In particular, it’s hard because of the confusing boundary between institutional punishment and social punishment.
It’s also hard because when bad people are scientists or writers, there’s no easy way to punish them without also punishing their ideas.
It’s also hard because the highest levels of social punishment involve not talking about the person and maybe coercing other people to also not talk about them, which shuts down rational discussion.
So it’s complicated. Social punishment is part of who we are, and it’s unrealistic to pretend we aren’t going to do it. We don’t seem to do a great job of finding the socially optimal level of social punishment. But that depends on a lot of factors and it’s hard to make firm recommendations.
The one thing I would suggest is that if a strong social punishment has been applied and if we find out that the person was innocent, then we all have a responsibility to loudly correct the record.
In 2006, three members of the Duke University lacrosse team were charged with rape. For a few weeks, they were among the most hated people in the world. The lacrosse coach was forced to resign and 88 Duke professors took out an advertisement that implied guilt. Then, it emerged that some of the players were not even at the location at the claimed time, they were declared provably innocent, the charges were dropped, and the district attorney who filed the charges was disbarred and briefly jailed for misconduct.
This seems pretty clear-cut. So why do so many people seem to know the start of the story but not the ending? Why do I feel so gross after writing the previous paragraph? I think it’s because society has applied a “transitive cancellation” social penalty, and we instinctively sense that it’s dangerous to promote the idea that they might be innocent.
The three players each won around $20 million in damages from Duke. In some sense, this seems fair. I imagine this incident follows them every time they apply for a job or make a new acquaintance.

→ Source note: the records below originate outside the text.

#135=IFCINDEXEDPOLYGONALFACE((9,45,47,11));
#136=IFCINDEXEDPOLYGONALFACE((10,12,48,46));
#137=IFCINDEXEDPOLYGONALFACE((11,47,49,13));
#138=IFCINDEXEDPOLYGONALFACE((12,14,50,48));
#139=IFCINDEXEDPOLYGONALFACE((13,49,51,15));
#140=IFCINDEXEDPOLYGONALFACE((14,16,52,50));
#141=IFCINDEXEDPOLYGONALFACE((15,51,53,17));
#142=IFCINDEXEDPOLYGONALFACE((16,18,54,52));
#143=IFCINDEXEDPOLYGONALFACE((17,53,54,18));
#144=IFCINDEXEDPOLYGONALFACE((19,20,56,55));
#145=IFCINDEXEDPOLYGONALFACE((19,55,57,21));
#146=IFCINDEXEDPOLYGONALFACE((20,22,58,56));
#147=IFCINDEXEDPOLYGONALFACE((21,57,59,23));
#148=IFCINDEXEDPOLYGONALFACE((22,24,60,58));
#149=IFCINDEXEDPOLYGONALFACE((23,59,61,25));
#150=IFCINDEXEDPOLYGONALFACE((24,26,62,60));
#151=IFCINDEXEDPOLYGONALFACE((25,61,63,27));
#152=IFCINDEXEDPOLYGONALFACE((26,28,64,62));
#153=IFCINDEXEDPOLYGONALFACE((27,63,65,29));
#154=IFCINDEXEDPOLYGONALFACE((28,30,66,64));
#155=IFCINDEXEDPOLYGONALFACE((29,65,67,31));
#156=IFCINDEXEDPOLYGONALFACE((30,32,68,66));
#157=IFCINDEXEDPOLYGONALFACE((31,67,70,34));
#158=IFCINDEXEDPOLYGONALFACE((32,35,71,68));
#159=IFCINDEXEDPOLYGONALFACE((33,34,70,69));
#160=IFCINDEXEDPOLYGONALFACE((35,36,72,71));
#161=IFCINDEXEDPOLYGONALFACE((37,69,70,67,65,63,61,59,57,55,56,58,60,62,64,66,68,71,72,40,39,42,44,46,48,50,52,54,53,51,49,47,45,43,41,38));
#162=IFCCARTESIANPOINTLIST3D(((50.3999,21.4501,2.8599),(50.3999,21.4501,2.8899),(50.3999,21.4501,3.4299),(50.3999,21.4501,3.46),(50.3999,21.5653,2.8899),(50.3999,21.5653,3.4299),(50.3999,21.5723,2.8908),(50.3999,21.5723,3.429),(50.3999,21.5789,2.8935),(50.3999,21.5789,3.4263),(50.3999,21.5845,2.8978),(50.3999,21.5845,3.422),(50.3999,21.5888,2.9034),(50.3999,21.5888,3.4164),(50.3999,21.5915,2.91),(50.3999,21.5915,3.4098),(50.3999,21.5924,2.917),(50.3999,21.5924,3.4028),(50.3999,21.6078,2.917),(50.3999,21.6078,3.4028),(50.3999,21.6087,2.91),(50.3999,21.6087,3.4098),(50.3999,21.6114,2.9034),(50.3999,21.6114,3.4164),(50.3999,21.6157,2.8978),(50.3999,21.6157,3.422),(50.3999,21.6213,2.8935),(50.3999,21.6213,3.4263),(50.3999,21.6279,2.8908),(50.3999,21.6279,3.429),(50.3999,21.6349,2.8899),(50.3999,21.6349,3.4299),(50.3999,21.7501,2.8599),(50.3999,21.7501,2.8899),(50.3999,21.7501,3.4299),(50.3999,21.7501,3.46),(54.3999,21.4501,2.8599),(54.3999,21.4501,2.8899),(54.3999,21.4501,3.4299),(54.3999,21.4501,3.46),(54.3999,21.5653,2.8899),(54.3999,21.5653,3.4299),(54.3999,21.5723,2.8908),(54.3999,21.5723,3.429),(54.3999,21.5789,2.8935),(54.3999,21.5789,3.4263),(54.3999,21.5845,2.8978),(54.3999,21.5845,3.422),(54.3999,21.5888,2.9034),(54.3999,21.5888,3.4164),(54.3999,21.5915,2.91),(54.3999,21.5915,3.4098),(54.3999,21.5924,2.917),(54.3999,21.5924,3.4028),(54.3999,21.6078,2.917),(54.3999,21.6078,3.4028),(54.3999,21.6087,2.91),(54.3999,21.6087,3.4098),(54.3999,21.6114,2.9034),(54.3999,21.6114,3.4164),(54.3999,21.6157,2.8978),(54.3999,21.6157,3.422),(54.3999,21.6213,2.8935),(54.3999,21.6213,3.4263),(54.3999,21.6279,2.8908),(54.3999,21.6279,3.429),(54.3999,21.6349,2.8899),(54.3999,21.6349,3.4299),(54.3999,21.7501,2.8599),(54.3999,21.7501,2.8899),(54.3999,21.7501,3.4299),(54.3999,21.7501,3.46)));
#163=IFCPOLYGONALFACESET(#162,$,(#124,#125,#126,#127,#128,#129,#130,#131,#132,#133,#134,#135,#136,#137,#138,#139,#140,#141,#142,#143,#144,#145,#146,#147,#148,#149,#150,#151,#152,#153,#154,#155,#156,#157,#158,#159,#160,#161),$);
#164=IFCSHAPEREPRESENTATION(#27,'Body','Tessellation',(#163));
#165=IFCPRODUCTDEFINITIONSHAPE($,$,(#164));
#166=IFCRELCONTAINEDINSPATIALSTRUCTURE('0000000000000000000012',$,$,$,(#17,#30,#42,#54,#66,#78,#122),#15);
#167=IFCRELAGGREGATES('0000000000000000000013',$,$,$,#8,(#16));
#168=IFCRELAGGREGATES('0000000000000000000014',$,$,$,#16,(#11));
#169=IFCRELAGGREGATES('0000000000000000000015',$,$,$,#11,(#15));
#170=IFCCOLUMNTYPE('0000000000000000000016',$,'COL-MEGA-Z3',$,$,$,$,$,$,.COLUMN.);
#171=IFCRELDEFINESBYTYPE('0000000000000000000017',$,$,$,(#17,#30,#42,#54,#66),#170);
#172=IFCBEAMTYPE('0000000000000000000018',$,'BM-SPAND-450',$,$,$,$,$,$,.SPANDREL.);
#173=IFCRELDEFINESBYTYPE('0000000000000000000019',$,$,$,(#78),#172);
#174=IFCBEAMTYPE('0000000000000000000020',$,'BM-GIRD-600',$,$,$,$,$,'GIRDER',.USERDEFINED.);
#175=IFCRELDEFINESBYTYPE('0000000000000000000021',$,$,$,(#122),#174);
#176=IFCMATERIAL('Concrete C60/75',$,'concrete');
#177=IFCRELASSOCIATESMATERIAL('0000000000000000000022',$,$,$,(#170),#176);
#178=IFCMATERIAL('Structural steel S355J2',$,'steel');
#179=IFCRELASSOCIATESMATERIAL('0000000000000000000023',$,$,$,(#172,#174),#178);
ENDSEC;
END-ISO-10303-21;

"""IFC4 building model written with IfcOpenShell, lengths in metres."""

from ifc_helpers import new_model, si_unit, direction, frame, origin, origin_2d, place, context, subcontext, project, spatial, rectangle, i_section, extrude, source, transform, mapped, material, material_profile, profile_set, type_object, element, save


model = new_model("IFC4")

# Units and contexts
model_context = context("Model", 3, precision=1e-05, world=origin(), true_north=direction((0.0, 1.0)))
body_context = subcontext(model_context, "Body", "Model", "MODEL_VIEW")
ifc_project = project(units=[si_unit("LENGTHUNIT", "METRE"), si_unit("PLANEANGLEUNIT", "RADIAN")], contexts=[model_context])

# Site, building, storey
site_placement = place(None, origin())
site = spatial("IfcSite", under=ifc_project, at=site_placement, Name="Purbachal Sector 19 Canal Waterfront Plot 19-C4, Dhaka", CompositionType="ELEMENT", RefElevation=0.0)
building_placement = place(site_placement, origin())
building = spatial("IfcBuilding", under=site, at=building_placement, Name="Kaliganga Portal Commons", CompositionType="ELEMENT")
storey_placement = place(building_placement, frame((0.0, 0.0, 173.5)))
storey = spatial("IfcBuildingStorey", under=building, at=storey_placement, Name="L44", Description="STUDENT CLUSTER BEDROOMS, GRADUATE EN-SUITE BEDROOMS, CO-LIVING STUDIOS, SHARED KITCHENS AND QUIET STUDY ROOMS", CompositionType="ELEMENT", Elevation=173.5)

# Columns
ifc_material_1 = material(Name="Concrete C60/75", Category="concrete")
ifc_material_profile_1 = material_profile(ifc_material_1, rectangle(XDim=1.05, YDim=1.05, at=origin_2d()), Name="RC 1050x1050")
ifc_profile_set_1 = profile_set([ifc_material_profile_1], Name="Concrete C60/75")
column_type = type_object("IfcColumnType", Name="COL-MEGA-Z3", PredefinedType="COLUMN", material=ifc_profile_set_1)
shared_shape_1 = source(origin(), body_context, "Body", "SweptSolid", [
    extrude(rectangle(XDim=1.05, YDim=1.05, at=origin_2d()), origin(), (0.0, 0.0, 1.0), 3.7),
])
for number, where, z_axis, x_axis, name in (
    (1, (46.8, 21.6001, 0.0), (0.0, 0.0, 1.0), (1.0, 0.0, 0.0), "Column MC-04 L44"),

But notice something: The idea of “reputational damage” is premised on the idea that reputations can’t be fixed, that once gossip has started, it can’t be stopped.
And if you’re into coercive transitive cancellation, note that fixing this problem is totally compatible with coercive transitive cancellation! Say that Alice has been declared bad. If Bob tries to prove Alice is actually good and Bob fails, then go ahead and scorn Bob, too. But if Bob succeeds, then you should celebrate him for his courage and conviction. Make the risk more two-sided.
In retrospect, the people quietly reminding me that someone was bad were probably using a strategy that’s somewhere between gossip only and social ostracism. Given all the complexity, I think that’s probably pretty reasonable?
Thanks: Jason Crawford, Steve Newman, Jennifer Morales, Andrew Miller
This is one area where consequentialist thinking really shines, IMHO.
Once you grok some terminal values, then parsing out how those are affected by the different degrees of ostracism offers a sharp tool for differentiating on unforeseen variables. E.g. if ostracizing an asshole veterinarian ends up with more dead puppies, then maybe dial it back, but if tolerating your racist uncle just causes everyone to have a bad time, maybe ostracize more. Or vice versa, if you swing that way.
no let's do revel in confusion and perversity! i am 100% here for it.